Hoje eu creio que a AURA se
deslocou do objeto e está ingressando diretamente em nossa sensibilidade. E,
também, penso na minha reincidente analogia aos jogos de linguagem de
Wittgenstein para dar sentido à certas coisas. Mas uso aqui os jogos de
linguagem pensando em múltiplos jogos que conseguem ter relação entre eles,
assim como as canções e as versões de canções entre elas, assim como as
múltiplas imagens e fotografias. Também vejo ai um uso possível da forma lógica
como uma espécie de estrutura invisível que agente imaginariamente pode
observar nos elementos que compõe estes objetos
E está aqui junto comigo, até
hoje, aquela imagem ou metáfora do Pistão ou Trumpete, que o Paulo Faria usava
para a nossa linguagem como um trumpete que precisa ter uma certa folga no
embolo para tirar esta ou aquela nota e para andar mais rápido nas diferentes
variações e escalas. E assim eu entendo o Jazz (e uma parte do Rock e de toda a
música) com aquela aparente loucura ou corrida maluca, pelas notas e aquelas
escalas diferentes misturadas e sub tons em uma mesma canção, nas dissonâncias
da bossa nova. Assim, não tenho conseguido mais pensar filosoficamente sem
pensar musicalmente, literariamente e poeticamente, porque há uma aproximação
estrutural entre elas, numa espécie de base que eu tenho usado para tratar do
tema do aprisionamento ou libertação.
Dizer a mesma coisa de formas
diferentes não é um pecado ou defeito é somente uma forma de abrir a rede de
significado e de sentido o mais amplamente possível...e reduzir a diferença e a
distancia entre o centro e as pontas do meu pensamento e do seu...a primeira
vez que pensei nisso imaginava que estava ensaiando ou só me repetindo...
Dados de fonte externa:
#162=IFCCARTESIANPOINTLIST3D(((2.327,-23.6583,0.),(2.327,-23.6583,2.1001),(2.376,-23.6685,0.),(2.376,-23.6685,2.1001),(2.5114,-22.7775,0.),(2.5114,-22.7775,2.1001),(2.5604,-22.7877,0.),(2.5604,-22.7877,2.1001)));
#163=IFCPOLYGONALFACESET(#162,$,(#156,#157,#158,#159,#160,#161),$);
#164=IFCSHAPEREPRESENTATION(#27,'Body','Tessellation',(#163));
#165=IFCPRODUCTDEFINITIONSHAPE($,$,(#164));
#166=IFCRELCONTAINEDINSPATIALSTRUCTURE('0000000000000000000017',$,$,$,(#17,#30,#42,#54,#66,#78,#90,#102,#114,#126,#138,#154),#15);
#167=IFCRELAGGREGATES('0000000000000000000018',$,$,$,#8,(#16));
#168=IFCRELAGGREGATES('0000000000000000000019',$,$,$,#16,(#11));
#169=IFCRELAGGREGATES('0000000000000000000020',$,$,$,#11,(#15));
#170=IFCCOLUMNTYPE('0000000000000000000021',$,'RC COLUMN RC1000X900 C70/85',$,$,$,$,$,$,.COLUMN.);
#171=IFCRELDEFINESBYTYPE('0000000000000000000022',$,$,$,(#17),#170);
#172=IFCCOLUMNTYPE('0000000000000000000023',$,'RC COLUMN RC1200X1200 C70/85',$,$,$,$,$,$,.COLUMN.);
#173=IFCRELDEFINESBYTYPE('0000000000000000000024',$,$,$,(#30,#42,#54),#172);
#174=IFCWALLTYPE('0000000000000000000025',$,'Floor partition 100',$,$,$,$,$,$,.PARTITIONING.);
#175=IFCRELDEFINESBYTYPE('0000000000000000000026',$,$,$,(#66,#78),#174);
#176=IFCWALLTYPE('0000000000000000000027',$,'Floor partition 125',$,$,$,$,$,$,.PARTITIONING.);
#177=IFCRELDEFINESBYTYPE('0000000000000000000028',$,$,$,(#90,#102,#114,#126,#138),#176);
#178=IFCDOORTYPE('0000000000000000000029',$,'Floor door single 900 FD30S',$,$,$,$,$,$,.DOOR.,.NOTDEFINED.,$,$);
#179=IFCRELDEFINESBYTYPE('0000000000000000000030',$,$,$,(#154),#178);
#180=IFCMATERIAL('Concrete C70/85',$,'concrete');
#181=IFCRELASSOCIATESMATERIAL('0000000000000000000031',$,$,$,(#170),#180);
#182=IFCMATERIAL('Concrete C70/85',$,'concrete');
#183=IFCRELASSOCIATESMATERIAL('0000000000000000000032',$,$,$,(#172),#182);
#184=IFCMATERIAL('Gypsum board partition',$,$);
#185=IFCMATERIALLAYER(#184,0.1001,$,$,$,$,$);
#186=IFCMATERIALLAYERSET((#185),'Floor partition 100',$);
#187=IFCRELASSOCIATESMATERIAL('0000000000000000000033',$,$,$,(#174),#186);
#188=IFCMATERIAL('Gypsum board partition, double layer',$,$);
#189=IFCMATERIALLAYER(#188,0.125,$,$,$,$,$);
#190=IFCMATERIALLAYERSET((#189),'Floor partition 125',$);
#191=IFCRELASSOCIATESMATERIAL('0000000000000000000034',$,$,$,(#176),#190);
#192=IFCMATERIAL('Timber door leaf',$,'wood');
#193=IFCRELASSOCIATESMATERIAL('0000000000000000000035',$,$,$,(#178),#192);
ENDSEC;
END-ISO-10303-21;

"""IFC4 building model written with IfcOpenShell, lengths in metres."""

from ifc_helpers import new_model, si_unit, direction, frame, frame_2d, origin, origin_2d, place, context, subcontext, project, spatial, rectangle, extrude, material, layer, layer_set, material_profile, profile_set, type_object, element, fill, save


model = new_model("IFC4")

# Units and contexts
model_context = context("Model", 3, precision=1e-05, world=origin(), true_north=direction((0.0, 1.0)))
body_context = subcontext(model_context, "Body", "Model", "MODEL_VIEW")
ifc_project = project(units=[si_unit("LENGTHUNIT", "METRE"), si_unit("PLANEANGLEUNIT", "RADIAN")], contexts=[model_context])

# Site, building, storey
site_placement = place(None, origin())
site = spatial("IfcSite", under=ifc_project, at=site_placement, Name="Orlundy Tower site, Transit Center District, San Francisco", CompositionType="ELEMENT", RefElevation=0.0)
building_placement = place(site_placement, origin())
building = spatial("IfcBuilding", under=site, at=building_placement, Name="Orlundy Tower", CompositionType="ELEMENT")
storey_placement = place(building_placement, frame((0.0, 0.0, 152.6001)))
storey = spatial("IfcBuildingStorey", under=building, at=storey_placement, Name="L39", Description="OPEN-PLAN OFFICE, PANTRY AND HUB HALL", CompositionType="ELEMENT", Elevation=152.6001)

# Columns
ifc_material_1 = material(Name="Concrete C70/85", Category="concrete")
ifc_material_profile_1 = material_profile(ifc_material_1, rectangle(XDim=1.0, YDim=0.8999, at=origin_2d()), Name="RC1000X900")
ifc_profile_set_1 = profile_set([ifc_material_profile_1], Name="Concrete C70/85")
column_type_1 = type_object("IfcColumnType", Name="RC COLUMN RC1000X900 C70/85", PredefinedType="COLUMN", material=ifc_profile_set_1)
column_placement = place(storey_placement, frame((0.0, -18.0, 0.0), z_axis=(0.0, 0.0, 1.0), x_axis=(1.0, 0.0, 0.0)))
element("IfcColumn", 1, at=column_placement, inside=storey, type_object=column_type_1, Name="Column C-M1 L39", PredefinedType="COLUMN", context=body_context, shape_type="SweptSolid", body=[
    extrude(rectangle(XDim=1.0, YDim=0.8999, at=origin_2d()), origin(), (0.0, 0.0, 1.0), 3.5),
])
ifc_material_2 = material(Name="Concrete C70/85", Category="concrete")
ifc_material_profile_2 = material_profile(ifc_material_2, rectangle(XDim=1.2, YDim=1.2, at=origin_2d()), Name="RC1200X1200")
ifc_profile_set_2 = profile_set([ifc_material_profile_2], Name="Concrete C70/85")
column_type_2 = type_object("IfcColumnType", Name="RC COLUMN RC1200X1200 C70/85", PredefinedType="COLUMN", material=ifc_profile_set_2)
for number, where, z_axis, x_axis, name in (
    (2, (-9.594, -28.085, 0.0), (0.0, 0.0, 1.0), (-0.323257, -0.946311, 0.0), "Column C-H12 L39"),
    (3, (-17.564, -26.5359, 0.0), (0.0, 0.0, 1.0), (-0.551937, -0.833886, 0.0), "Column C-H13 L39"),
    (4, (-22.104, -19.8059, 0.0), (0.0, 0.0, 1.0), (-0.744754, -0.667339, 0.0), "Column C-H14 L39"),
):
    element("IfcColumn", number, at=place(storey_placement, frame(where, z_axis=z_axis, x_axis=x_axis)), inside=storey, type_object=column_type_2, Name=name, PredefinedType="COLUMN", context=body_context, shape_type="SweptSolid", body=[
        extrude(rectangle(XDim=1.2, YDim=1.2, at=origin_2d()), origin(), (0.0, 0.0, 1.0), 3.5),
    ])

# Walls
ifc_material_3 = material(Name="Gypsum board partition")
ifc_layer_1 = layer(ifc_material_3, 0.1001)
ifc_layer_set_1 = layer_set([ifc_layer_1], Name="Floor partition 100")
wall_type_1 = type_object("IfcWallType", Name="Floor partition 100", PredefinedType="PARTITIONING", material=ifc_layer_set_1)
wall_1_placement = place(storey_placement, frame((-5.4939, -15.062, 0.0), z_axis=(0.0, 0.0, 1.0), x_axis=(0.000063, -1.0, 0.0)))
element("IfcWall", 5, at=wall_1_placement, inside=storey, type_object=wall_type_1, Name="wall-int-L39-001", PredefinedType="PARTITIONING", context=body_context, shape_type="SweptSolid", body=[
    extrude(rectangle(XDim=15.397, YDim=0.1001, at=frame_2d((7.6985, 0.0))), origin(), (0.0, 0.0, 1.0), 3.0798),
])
Quem escuta mal ou quem não tem
ou desenvolver certo gosto musical ou que não cultiva a audição é que não percebe
que dizer as vezes é como o Jazz e que existem "milhares" de
variações possíveis sobre o mesmo tema...e quem toca um instrumento fica sempre
procurando a melhor nota, o melhor ritmo e todas as demais combinações
possíveis entre elas e outros instrumentos....
Então, ao abrir a rede de
significado estamos aprendendo a chegar também em mais pessoas e em mais
sensibilidades e entendimentos...parece haver uma certa tridimensionalidade ou
multidimensionalidade do sentido e eu olho agora na minha imaginação para
muitas escalas musicais ao mesmo tempo e imagino elas relacionadas em paralelas
e em arranjos...assim como quando estou muito bem e quando escrevo subo e desço
numa espécie de dicionário mental ou enciclopédia escolhendo as palavras e as
constelações de sentido (com afigura astrológica aqui e anti-astrológica aqui
de Adorno).
Fui estudar INSENSATEZ ontem. E
eu gosto muito desta canção porque ela tem na minha percepção musical de
aprendiz diversas aberturas para outras harmonias e improvisações. E fazem uns
dois anos vi uma apresentação do Gelson Oliveira - figuraça - em que eu fiquei
mentalmente e as vezes balbuciando vozes e sons paralelos aqueles que saiam do
violão e da voz dele e me dei conta de que eu estava começando a pensar mais
musicalmente após uns seis meses de canto coral, com Lúcia Passos, Agnes
Schmelling no Coral Municipal.
Ao estudar esta canção ontem com
violão e voz, e escutando mais arranjos, me aconteceu o que sempre me acontece
ultimamente e o que só é possível porque estas tecnologias permitem fazer tudo
isso em um único dia: pesquisar, encontrar, ouvir, executar, gravar se quiser e
ensaiar Assim tive o prazer de ver as Cifras por Tom Jobim (tom F, primeiro
acorde Am7), João Gilberto (tom G, primeiro acorde Bm7), Toquinho e Vinicius (
tom Am7, primeiro acorde Bm), Fernamda Takai ( tom F, primeiro acorde Am7) e
constatar que de fato há um diálogo interno entre os diferentes arranjos e uma
espécie de analogia nos intervalos das notas, mas uma ênfase aqui ou ali nas
notas básicas em sétimas, menores, maiores que vão dando variações para a
canção e que é muito legal fazer o que eu fiz, porque hoje pela manhã acordei
com as diferentes versões rodando na cabeça e ficou visível a forma lógica da
canção digamos assim.
A Marina Lima deve estar falando
na epigrafe que usei aqui nisto também, ainda que possa ter uma concepção de
lógica ali que parece mais técnica fazendo certo contraste com a inspiração.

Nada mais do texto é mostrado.